Job loss is the main reason among delinquent prime borrowers in 2009. Between January and June 2009, unemployment, or underemployment, was the #1 reason for 60% of prime and Alt-A borrowers, with another 20% saying that debt was their main problem and 12% saying that illness and death in the family was the cause of their default. By the first week of this month it was reported that the unemployment rate spiked to 10.2%, which was up from 9.8% in September, making it the highest level in 26 years.

What is different between the crisis of 2009 and the crisis that peaked during these same months in 1982 when unemployment reached 11%? Well, as one who lived through that time and was also working as a Realtor, I can tell you that there were no drastic decreases in home values, as seen during this current crisis; mostly due to the high subprime loan default rates.

Obama’s administration is holding the interest rates at historic low-levels and helping people to get into homes with his tax-credits and help with their defaulting mortgages, but is this going to do any good?

In 2005 the share of subprime loans serviced in the U.S. that defaulted was half of all the defaults and foreclosures.
The share of subprime loans serviced was 14% of the total number of loans, in 2007, but at the end of the first half of 2009 it was only 11% of the total.
At the same time 60% of foreclosures were subprime in 2007, but only 40% of the number of foreclosures in 2009 were subprime loans.

Meanwhile prime and Alt-A loans reached to 60% of the total number of foreclosures started in the first half of 2009, meaning that the conventional market had more foreclosures than the subprime market and most economists believe that the unemployment rate will continue to rise next year at least during the first quarter, which only adds to the effect of losses in housing prices that have seen a cumulative decline of almost 20% since mid-2006 but, starting in March of this year, home prices have actually risen but from where?
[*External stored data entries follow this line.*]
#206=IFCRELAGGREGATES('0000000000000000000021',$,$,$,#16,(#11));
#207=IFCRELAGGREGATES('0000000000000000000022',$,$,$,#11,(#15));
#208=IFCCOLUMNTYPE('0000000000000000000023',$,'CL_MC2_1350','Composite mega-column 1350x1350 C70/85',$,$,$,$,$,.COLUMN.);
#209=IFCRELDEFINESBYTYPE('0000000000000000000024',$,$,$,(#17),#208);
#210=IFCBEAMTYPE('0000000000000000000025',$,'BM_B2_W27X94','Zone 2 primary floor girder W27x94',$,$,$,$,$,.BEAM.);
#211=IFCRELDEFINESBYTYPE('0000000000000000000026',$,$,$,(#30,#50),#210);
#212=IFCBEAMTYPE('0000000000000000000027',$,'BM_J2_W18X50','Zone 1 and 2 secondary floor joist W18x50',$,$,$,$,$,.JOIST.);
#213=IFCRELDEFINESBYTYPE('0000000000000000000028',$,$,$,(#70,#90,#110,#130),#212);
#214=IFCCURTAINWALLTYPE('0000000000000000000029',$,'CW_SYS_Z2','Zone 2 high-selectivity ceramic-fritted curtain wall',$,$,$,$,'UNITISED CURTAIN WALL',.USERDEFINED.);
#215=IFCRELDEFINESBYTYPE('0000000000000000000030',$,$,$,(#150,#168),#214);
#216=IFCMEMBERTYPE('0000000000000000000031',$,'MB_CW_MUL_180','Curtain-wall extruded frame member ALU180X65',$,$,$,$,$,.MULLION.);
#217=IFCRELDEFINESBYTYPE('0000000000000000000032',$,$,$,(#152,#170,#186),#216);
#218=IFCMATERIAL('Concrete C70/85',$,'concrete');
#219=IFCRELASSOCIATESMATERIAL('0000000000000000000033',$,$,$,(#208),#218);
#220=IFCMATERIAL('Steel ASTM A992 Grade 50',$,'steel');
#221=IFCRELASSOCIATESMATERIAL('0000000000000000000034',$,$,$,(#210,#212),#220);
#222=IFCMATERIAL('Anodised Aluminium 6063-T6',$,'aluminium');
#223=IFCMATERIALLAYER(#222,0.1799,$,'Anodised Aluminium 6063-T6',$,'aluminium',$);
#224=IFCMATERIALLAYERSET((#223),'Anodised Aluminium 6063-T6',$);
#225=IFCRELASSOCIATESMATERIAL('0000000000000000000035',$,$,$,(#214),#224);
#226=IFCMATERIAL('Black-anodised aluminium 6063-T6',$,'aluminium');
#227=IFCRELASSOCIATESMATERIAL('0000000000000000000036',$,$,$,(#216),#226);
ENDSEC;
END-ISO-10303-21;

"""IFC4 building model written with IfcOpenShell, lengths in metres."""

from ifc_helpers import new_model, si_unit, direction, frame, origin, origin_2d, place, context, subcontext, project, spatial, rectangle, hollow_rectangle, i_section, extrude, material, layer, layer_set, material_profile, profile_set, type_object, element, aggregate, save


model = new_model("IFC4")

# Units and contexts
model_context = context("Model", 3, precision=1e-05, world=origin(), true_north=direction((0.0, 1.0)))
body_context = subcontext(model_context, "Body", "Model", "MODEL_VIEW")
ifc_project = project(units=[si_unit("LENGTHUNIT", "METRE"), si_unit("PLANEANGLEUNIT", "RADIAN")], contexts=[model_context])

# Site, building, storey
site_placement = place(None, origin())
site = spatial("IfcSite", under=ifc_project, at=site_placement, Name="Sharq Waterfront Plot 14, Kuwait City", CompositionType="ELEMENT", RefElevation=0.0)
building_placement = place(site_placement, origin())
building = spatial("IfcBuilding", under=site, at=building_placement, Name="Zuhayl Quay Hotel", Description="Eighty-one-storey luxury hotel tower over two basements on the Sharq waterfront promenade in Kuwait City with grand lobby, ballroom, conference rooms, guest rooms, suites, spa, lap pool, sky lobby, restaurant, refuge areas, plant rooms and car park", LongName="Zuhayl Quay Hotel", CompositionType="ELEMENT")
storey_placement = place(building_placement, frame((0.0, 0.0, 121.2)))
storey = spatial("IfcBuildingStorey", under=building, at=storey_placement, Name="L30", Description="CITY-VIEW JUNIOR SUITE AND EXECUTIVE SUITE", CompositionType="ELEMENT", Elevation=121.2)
Of course they have risen from comparable sales stemming from foreclosures and (long) short sales.

As long as we have an unusually high rate of unemployment, I personally believe, we will continue to have home delinquency and, as you can see from my research above, not just subprime but also Alt-A and option adjustable-rate mortgages.
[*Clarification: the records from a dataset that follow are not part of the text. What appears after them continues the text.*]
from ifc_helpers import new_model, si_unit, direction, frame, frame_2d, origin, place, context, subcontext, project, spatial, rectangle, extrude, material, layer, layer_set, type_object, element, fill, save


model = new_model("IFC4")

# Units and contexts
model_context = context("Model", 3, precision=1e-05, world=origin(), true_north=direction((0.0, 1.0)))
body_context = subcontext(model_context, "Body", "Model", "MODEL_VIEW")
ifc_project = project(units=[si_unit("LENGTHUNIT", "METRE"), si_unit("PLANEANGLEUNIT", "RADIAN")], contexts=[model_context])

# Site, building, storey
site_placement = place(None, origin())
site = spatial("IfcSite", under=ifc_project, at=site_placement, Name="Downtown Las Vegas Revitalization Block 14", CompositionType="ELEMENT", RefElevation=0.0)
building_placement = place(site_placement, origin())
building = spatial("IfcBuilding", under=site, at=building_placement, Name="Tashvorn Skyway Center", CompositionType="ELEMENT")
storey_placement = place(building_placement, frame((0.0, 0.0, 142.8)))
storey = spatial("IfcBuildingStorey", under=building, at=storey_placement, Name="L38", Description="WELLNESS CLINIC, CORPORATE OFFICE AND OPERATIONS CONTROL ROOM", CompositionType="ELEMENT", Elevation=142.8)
If investors come back to the real estate market, and the rates will never be lower, I believe we have a chance to begin an upsurge of employment, as real estate is an enormous market that encompasses so many trades and skills that it cannot fail to have a huge impact on the economy. Now is the best time I have ever seen to get into the real estate market and I strongly encourage everyone to invest in a proven and unfailing investment, housing, and that includes me. It's now or never for many and now is the time; the prices are not going any lower. What have I invested in this year? Ah … well … the truth is I am … yup … still lookin’ … but hopeful; I’m hopeful that I’ll find just the right investment and I can guarantee you that it will be in real estate and, besides helping myself, hopefully, it will help the economy and help unemployment go down, instead of up.

May our friends accept us, trouble neglect us, angels protect us and heaven accept us.